FTX Wants $11M in Assets Back from Crypto
Alameda Research, an affiliate of cryptocurrency exchange FTX, filed a lawsuit to claw back $11.4 million held in an account with Crypto.com. The filing is part of the extensive effort by FTX to recover all assets and pay back creditors and users following the collapse of the crypto exchange.
Complaint filed in Delaware Bankruptcy Court
On November 7, a complaint was filed by Alameda in the U.S. Bankruptcy Court in Delaware. In the complaint, it is alleged that Crypto.com has held onto $11.4 million in assets since 2022 and has failed to turn over said assets to Alameda despite repeated requests for release. Alameda now seeks an order for Crypto.com to turn over the assets that it purports are rightfully its property.

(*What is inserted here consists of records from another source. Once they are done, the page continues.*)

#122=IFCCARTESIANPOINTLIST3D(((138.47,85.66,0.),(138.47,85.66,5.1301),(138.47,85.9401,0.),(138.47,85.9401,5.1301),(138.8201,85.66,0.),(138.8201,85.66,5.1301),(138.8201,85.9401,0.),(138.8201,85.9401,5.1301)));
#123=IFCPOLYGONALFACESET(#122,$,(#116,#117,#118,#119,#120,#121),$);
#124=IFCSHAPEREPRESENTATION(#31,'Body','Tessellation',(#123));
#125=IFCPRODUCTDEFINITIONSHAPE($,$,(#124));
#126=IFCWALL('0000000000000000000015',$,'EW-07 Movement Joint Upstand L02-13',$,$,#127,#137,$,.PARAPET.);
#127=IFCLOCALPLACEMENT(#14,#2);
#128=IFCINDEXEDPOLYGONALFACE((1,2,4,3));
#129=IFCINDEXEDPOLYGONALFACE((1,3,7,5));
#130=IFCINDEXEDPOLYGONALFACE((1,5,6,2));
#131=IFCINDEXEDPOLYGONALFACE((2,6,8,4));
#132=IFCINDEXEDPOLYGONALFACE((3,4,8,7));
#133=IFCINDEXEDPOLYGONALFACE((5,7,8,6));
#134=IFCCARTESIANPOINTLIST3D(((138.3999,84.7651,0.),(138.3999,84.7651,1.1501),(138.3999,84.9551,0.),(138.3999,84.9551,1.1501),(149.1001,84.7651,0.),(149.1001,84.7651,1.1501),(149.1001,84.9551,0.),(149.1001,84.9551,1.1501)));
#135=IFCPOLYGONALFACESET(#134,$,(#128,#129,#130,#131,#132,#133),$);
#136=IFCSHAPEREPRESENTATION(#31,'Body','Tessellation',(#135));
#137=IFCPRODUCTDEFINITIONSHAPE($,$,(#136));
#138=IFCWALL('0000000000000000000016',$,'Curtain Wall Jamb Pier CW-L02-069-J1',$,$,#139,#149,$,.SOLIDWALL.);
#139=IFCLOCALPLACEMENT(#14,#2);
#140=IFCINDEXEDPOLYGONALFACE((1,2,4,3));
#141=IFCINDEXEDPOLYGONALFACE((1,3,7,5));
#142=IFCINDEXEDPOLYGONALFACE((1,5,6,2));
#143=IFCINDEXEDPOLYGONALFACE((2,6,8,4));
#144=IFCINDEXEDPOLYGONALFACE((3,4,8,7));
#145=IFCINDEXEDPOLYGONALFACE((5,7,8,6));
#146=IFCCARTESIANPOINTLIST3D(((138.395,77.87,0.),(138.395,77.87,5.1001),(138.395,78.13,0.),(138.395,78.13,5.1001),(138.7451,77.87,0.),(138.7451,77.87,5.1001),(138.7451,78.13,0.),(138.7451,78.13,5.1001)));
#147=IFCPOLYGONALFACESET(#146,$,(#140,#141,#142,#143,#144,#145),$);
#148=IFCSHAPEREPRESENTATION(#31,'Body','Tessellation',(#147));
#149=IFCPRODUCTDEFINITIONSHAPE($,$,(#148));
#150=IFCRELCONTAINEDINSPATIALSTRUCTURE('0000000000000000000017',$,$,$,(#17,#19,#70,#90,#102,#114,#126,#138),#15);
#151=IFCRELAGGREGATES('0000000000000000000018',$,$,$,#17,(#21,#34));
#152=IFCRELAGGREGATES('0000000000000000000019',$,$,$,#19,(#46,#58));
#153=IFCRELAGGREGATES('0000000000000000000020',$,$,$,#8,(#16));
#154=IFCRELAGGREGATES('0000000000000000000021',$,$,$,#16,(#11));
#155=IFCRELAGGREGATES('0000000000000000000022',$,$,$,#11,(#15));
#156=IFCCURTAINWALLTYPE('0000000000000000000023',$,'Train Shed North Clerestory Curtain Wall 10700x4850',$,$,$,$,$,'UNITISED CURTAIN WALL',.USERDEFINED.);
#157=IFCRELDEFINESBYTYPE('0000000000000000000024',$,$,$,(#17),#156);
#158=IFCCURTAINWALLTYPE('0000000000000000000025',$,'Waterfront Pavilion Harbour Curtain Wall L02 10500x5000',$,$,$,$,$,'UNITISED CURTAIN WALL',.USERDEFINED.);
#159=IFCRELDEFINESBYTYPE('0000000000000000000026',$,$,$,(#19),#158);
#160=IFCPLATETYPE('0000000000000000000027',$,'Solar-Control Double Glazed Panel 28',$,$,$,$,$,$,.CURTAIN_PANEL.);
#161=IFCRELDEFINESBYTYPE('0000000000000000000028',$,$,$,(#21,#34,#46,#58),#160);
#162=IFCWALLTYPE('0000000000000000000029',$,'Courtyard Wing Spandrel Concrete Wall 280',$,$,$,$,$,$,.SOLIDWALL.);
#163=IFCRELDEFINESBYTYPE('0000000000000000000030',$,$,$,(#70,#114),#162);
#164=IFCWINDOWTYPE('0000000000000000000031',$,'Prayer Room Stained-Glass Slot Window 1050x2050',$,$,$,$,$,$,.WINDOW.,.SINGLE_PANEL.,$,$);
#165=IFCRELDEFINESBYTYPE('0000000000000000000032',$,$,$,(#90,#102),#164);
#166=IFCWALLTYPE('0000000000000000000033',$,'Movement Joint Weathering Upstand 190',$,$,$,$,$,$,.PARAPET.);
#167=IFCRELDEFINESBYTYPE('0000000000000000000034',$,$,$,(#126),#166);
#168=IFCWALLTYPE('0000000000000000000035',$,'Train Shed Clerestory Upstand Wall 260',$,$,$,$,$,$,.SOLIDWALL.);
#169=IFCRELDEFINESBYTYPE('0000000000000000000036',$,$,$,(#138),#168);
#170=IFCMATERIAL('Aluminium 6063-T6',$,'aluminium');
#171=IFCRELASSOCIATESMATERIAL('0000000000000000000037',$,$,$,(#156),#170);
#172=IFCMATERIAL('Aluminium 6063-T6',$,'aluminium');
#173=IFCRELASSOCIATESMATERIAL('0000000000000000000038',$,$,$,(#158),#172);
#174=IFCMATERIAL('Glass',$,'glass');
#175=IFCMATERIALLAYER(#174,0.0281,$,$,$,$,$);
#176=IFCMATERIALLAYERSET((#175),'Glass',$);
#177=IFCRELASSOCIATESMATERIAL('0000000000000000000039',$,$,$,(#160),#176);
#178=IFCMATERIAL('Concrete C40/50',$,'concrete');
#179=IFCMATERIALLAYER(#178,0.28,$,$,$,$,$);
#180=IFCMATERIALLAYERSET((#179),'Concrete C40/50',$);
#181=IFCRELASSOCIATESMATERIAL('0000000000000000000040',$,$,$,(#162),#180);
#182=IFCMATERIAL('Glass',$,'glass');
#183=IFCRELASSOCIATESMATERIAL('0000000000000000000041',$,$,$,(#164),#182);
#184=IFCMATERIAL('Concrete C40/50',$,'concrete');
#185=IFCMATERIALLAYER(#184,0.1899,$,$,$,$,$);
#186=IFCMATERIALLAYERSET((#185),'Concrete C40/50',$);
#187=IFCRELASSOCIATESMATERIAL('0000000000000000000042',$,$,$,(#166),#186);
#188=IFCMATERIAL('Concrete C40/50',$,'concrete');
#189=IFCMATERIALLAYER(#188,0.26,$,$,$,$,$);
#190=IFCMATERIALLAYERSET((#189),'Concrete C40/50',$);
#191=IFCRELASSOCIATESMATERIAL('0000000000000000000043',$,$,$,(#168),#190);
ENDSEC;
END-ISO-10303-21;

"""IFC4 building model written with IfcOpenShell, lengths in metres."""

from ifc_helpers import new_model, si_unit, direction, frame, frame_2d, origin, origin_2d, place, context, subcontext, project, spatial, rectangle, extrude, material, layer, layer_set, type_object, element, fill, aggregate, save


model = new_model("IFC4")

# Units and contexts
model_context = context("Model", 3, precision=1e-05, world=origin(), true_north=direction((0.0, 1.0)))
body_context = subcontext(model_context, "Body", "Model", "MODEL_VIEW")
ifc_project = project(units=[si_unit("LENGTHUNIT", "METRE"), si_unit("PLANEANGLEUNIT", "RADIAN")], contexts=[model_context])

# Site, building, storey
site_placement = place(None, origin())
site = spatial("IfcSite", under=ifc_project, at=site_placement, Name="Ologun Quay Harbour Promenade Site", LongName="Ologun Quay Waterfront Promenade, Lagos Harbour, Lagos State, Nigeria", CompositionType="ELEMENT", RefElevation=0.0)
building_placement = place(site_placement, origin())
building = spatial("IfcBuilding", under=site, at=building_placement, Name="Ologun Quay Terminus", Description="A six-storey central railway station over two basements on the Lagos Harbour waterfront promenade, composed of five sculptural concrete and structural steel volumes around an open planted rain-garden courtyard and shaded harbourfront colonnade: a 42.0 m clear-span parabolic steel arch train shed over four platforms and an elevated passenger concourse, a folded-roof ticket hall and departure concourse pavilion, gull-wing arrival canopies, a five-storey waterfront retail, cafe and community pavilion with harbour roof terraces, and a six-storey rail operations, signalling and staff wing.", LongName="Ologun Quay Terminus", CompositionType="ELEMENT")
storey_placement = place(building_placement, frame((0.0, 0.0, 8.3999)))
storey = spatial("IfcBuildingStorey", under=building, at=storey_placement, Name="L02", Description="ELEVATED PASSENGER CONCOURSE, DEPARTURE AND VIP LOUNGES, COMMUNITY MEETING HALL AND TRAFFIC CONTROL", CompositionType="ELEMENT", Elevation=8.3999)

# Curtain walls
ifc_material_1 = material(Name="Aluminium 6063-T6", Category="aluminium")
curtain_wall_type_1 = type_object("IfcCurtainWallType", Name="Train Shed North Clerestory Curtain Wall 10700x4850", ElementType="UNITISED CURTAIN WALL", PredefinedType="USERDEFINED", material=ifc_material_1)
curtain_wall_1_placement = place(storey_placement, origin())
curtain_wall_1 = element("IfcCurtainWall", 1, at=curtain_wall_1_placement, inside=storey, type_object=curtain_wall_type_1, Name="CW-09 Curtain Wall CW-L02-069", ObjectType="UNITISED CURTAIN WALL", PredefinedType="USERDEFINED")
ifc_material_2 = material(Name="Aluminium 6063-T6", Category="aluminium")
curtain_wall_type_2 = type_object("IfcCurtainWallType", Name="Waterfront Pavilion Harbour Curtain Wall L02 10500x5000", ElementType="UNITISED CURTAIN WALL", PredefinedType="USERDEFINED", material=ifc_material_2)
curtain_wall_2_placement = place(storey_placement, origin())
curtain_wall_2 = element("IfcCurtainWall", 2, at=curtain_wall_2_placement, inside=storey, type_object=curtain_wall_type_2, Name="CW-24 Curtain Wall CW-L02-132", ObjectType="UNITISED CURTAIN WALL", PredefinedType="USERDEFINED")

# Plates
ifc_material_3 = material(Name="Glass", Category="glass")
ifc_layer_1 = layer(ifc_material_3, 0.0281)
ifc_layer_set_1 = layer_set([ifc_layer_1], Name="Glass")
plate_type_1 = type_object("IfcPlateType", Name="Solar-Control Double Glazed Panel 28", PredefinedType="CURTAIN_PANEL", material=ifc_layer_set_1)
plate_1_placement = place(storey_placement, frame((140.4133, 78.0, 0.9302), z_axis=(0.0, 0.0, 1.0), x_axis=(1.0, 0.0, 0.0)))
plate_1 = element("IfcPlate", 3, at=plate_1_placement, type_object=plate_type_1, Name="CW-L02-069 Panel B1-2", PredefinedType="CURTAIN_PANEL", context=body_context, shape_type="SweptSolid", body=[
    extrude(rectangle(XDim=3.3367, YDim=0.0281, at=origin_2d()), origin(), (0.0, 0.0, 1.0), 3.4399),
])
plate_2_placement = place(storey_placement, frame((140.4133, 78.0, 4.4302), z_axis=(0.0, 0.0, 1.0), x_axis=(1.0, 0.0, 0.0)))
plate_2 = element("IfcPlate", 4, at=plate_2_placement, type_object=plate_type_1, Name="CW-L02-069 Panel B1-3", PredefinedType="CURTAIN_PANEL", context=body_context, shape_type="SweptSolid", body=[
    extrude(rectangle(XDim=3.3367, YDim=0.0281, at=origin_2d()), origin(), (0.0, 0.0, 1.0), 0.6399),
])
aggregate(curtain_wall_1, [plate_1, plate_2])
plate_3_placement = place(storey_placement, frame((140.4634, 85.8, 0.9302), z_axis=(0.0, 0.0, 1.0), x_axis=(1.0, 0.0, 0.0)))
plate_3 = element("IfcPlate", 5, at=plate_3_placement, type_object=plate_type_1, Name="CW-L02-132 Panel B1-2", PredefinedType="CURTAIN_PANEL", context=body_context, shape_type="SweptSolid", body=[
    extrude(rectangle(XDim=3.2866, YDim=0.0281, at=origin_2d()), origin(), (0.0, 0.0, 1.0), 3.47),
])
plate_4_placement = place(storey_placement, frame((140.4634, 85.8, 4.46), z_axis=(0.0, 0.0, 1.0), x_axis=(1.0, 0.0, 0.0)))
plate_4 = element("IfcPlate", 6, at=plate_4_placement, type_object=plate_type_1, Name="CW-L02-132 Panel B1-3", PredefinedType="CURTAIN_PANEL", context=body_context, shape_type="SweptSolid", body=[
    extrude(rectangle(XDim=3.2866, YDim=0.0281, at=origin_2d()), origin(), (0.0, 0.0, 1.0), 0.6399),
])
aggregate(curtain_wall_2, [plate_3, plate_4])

Account and Allegations of Non-Cooperation
The account in question was reportedly registered under “Ka Yu Tin” and set up before them declared bankruptcy in 2022. Alameda alleges that Crypto froze the account upon FTX’s Chapter 11 filing and has “refused to cooperate with the Debtors’ requests,” improperly retaining the funds and thus prolonging the asset recovery process.
Statement by Former Alameda CEO
Former Alameda chief executive Caroline Ellison confirmed the ownership of the assets in a declaration filed on November 1, days before reporting to prison. In the statement, Ellison declared that the $11.4 million in the Crypto.com account belongs to Alameda, underlining the firm’s position in its claim against the exchange.
Larger Scale Attempts at the Recovery of Tied-up Assets
This complaint is part of a line of several legal motions by Alameda and FTX’s representatives in trying to claw back frozen assets. In October, Alameda filed a similar complaint against crypto exchange KuCoin, seeking nearly $50 million in locked money, which KuCoin reportedly froze due to “suspicious activities.” Efforts in this regard remain paramount, for them plans to recover funds toward its repayment plan.
Bankruptcy Repayment Plan Progress
After being in bankruptcy proceedings for nearly two years, FTX outlined a plan that would reimburse creditors. The deal will ultimately return users about 98% of their claimed assets, according to crypto values from 2022, when FTX filed bankruptcy. For FTX, this compensation plan is a significant marking point in the effort to regain value for its users.
Development of the Criminal Case
The legal fallouts for the executives of them continue. Former CEO Sam Bankman-Fried, ex-CEO of Alameda Caroline Ellison, and co-CEO of FTX Ryan Salame are in prison. Co-founder Gary Wang will be sentenced in late November and, in effect, closes the criminal cases stemming from the collapse of FTX.